Keduanya mengusap-usap lembut punggung Dertan, dan ikut merasakan sakit yang sama. Melihat apa yang sudah terjadi, dan bagaimana mereka tidak mampu memberikan sebuah pembelaan. Pastinya Dertan menderita sendirian untuk waktu yang lama, hanya karena dia tidak banyak bicara.

Kemudian Dertan memeluk Fani pada sosoknya yang mengingatkannya pada sang ibu. Fani yang lembut, dan memperlakukannya dengan baik. Bahkan Galih juga mampu memberikan hal yang serupa, karena mereka tidak ingin melihat Dertan merasa sakit terlalu lama.

"A-ayah membenciku, Bi. Padahal aku menyayangi ayah, aku ingin ayah melihat ke arahku. Tapi ayah nggak pernah ngelakuin hal itu," ucap Dertan sebagai bentuk pengaduan.

Fani tidak mampu mengatakan sepatah katapun, karena rasanya menyakitkan.

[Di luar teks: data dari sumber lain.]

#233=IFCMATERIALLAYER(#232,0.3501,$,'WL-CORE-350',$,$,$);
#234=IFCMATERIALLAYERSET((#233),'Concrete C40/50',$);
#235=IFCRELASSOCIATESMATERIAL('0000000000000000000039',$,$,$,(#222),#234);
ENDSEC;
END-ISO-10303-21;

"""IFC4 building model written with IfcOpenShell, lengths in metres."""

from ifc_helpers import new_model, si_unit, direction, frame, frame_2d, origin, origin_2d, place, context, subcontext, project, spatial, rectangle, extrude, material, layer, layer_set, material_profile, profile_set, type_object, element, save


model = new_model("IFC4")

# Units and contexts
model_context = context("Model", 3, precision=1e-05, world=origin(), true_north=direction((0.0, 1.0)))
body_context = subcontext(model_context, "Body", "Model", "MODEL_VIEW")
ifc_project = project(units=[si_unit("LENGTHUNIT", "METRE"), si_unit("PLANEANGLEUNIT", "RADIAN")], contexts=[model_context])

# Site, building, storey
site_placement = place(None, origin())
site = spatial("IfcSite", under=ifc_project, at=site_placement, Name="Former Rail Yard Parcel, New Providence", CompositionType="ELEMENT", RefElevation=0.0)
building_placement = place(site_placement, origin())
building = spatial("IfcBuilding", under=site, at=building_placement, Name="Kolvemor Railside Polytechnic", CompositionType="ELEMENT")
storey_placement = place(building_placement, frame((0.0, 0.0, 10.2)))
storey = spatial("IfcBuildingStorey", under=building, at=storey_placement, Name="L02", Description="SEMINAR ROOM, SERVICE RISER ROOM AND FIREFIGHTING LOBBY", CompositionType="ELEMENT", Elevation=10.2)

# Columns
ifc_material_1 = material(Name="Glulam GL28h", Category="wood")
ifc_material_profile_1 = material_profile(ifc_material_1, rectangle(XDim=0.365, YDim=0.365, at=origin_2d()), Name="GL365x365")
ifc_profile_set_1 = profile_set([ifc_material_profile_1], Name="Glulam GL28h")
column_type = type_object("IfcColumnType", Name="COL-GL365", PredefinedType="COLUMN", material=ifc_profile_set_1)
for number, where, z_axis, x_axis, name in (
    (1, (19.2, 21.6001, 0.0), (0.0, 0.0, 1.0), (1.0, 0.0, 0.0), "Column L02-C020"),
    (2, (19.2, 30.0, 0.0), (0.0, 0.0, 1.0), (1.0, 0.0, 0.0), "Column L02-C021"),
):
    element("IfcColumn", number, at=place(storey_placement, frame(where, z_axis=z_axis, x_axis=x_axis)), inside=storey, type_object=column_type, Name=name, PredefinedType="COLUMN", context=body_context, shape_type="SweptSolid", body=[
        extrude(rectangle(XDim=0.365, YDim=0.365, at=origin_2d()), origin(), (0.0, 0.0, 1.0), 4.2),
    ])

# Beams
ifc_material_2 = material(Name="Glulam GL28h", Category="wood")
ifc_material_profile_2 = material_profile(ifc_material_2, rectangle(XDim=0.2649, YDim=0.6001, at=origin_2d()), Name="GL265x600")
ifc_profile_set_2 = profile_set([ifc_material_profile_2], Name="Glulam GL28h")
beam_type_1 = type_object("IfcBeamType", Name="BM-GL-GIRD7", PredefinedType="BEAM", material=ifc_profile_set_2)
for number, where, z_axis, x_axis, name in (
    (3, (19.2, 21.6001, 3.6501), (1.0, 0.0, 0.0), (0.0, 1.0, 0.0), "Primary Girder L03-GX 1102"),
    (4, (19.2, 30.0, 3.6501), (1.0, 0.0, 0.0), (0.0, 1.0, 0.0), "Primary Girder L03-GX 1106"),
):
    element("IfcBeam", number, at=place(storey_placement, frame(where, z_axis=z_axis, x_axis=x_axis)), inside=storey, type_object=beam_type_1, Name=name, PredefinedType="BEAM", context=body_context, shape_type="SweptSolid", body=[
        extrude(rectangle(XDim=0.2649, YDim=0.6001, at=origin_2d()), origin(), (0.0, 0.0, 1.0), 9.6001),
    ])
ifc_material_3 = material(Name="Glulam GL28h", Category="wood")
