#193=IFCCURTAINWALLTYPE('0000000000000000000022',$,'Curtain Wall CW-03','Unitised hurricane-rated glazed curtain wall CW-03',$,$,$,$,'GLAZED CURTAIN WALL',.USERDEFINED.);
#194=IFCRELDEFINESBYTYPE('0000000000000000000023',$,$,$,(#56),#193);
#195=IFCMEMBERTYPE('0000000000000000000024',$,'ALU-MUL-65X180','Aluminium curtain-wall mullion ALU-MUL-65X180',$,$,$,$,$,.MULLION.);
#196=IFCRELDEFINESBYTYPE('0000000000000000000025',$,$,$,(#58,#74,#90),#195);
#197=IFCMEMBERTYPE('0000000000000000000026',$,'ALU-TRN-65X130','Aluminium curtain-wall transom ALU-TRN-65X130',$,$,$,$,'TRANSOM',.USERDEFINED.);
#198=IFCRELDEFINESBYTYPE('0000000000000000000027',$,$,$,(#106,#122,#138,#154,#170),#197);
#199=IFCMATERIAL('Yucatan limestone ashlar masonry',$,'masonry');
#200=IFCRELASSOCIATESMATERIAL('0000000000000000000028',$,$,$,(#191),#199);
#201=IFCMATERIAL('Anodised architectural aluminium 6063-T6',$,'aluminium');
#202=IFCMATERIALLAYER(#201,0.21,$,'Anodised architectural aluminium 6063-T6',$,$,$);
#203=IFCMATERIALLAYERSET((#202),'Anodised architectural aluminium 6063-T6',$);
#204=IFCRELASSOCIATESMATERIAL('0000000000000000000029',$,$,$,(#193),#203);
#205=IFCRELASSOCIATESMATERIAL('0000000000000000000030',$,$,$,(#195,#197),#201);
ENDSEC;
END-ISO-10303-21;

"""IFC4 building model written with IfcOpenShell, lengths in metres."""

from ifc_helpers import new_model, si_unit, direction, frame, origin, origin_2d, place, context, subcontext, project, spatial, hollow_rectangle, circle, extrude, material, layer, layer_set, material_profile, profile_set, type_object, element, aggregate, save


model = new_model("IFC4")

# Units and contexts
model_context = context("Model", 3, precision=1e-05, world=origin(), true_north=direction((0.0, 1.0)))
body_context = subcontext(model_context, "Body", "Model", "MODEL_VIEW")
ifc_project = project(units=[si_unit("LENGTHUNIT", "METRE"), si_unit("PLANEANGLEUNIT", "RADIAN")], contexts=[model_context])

Dadanya juga ikut sesak, karena tidak bisa melakukan apapun untuk membuat Dertan tidak kembali terluka.

Setelah mengetahui banyak hal yang menyakitkan dalam hidupnya. Dertan nyaris tidak mampu untuk bertahan. Dia hanya bertahan, karena dia berusaha menepati janjinya pada sang ibu. Padahal baginya kematian bukan hal yang menakutkan.

"Aden hanya perlu bertahan ya, hidup ini nggak semenakutkan itu. Semuanya akan baik-baik saja, rasa sakit yang nggak bisa disampaikan dengan baik. Nggak semuanya akan ngebuat aden kembali terluka terlalu lama," ucap Galih berusaha untuk mengatakan kata penguat untuk Dertan.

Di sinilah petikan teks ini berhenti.